# Air Chime Whistle



## trainman 2015 (Jan 17, 2015)

Is there anyone who knows a lot about or is an expert on AF Air Chime Whistles.I have a question about AF Air Chime Whistles and the sounds they make. I can remember playing with my older brother's AF trains some 40 years ago. From what I can remember the whistle seemed to produce a good quality, even realistic sound. My brother's trains went with him when he married and moved out. I have always had an interest in trains. Now that I am looking at retiring and will have time to enjoy them, I have been purchasing, repairing, restoring AF trains, especially steam locomotives. I have purchased several AF Air Chime Whistle generators and control units. The sound of the air chime whistle produced by the steam locomotives does not seem to be anywhere near what I remember. Before retiring, I was an electronics technician. I have a pretty good idea of how the Air Chime Whistle is supposed to work and the theory behind it. Is there a way to adjust and/or improve the quality of the sound produced by the AF whistle generator and the electronics in the tender? Has anyone else done any work and/or experimenting on this? Thanks.


----------



## Big Ed (Jun 16, 2009)

The S men will give you help.
But it may take till tomorrow.

I never had one, I am mostly a Lionel person.

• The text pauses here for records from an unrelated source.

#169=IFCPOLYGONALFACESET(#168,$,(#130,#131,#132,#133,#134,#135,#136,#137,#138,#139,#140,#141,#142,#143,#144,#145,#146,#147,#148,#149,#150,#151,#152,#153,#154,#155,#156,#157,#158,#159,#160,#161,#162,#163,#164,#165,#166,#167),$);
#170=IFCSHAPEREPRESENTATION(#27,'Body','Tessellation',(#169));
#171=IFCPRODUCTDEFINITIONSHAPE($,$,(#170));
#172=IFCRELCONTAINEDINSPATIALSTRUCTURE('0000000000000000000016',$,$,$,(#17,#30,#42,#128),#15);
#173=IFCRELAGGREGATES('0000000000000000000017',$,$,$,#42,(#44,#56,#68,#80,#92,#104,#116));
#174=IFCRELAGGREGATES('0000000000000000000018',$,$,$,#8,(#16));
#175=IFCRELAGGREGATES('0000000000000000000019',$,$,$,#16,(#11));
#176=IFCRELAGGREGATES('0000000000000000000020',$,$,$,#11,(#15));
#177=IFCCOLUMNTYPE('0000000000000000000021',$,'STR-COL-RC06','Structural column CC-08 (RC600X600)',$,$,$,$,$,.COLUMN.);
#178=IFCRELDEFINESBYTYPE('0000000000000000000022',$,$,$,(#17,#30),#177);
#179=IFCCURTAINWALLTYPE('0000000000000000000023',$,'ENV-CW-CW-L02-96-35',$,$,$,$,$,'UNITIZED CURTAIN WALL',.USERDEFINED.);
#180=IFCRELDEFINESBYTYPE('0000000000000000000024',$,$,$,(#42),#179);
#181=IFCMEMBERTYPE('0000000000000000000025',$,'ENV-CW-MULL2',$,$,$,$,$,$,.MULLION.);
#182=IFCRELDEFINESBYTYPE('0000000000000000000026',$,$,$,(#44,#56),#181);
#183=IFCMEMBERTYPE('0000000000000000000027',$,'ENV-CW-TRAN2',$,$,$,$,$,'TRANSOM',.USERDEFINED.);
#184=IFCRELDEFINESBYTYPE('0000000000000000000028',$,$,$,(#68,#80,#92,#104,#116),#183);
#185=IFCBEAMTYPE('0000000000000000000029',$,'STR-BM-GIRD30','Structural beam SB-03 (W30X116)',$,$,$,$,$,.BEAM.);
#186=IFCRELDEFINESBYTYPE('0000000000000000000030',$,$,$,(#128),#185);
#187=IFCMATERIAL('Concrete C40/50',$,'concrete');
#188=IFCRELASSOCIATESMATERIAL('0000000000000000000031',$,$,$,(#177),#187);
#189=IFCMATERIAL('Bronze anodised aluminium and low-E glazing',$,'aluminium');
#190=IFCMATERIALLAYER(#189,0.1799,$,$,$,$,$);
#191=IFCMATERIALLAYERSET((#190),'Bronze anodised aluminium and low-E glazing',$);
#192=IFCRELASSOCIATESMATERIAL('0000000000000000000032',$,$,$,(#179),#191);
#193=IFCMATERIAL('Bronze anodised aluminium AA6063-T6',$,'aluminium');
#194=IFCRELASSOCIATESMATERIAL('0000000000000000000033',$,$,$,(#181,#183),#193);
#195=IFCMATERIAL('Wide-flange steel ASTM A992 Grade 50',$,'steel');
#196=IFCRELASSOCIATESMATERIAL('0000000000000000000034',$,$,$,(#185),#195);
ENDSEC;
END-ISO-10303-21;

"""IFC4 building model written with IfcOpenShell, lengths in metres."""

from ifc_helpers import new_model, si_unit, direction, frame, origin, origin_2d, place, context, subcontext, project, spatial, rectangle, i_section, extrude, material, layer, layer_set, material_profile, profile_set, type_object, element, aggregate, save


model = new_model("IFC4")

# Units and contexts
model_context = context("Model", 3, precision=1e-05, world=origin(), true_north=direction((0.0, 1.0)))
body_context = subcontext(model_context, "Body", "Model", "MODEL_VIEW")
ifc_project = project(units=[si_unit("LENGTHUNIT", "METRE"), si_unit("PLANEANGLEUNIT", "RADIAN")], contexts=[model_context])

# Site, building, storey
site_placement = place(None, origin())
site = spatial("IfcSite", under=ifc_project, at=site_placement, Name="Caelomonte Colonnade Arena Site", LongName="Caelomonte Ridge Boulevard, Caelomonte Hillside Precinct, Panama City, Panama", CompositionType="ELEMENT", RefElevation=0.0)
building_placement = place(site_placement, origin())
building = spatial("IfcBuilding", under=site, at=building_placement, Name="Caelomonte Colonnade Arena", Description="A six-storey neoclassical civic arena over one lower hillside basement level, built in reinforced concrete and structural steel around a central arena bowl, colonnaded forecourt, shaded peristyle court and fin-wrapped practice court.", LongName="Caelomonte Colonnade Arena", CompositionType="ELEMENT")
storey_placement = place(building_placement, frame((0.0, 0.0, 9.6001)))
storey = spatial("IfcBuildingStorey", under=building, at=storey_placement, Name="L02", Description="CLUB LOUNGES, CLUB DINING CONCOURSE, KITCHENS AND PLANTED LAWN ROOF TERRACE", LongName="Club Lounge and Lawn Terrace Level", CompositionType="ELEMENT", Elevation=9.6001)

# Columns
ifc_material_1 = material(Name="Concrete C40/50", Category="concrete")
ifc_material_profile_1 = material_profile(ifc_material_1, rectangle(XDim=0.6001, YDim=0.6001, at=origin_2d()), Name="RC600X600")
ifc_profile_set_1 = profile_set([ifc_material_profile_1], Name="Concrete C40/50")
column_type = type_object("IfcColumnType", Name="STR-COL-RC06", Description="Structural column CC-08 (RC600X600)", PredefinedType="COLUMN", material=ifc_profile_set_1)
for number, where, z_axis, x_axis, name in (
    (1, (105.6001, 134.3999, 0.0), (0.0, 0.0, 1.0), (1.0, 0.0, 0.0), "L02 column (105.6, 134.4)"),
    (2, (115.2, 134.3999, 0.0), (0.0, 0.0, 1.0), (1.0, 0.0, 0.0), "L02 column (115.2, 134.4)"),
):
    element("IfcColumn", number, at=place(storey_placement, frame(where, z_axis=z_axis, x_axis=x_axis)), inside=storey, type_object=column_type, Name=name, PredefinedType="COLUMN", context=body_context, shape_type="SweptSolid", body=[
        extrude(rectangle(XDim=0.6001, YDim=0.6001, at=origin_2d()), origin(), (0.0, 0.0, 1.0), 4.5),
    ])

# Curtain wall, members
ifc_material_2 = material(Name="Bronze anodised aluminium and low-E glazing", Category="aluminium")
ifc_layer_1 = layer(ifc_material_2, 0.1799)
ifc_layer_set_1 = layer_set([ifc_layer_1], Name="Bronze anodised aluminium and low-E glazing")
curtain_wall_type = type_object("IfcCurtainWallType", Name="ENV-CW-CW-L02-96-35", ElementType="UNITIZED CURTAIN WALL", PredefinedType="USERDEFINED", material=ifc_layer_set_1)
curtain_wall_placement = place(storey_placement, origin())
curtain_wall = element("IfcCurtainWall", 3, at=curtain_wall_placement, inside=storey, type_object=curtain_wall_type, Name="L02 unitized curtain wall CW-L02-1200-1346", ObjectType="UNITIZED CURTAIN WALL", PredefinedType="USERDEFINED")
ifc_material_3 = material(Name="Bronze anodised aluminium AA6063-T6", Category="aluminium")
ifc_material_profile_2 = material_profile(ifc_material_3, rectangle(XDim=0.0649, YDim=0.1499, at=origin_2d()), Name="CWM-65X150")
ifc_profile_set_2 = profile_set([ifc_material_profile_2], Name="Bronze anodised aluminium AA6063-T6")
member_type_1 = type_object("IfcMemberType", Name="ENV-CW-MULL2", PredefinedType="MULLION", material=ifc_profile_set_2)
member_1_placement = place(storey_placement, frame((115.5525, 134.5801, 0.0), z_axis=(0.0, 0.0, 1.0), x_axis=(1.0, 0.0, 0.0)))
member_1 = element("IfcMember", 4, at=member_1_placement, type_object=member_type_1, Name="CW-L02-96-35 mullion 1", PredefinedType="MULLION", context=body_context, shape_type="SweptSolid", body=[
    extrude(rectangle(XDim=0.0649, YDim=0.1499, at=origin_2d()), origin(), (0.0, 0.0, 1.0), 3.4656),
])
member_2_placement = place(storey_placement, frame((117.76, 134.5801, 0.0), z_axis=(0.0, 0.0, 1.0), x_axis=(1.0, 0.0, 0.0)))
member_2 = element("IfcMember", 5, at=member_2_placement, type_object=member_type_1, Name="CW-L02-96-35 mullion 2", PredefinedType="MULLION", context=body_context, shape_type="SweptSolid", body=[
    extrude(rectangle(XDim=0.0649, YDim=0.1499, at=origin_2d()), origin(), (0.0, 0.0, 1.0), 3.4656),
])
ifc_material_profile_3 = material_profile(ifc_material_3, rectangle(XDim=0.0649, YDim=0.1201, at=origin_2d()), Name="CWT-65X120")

They were talking about it here,

http://www.modeltrainforum.com/showthread.php?t=26328


----------



## flyernut (Oct 31, 2010)

Make no mistake, those "air chime whistles" leave a lot to be desired.The ones in my 2 Northern's sound the same, as well as the one I had as a kid back in the late 50's. Nothing like the Lionel whistles.


----------



## PhoebeSnow (Mar 1, 2014)

My air chime whistle in my 325AC sounds like an old door buzzer. I thought the tube was bad since it was 60 + years old so I replaced it with a rebuilt one from Port Lines and it still sounded the same. The guys on this forum told me that was about the best I was going to get. I'm still trying to get the Electronic Whistle to work in my 334DC to see if it sounds any better but to date no luck.


----------



## llskis (Apr 11, 2013)

PhoebeSnow said:


> My air chime whistle in my 325AC sounds like an old door buzzer. I thought the tube was bad since it was 60 + years old so I replaced it with a rebuilt one from Port Lines and it still sounded the same. The guys on this forum told me that was about the best I was going to get. I'm still trying to get the Electronic Whistle to work in my 334DC to see if it sounds any better but to date no luck.


FWIW:

I think all of A/F Whistles or Air Chime terminology is confusing. With the exception of the built in whistle (314AW) all A/F whistles are nothing but diesel sounding horns at best. 
Below is the 1950 Whistle control for the the 334DC/324AC Steam Loco's. I will be starting my project on this and will report back. Larry


----------



## trainman 2015 (Jan 17, 2015)

I have heard that the mechanism inside the metal tube on the control unit can be "tuned" to help and/or improve the whistle sound. I have one of the tubes apart on my bench. I have been doing a little experimenting with the positions of the contacts to see if that changes anything. The inside of the metal tube is basically a vibrator mechanism which produces an AC
current which is sent through the track to the circuitry in the tender which produces the sound. This is very similar to what was used in the old tube type car radios of years ago to change the DC battery power to a form of AC current to produce high voltage to run the elements of the tubes. I may try using a scope to see what if anything changes when the contacts are moved around.


----------



## Nuttin But Flyer (Dec 19, 2011)

I think just about everyone here agrees, the air chime whistle sounds nothing much better than a door buzzer at best. Sorry to say they were not very realistic. However, if you wish to use it in a diesel engine, at least it is closer...


----------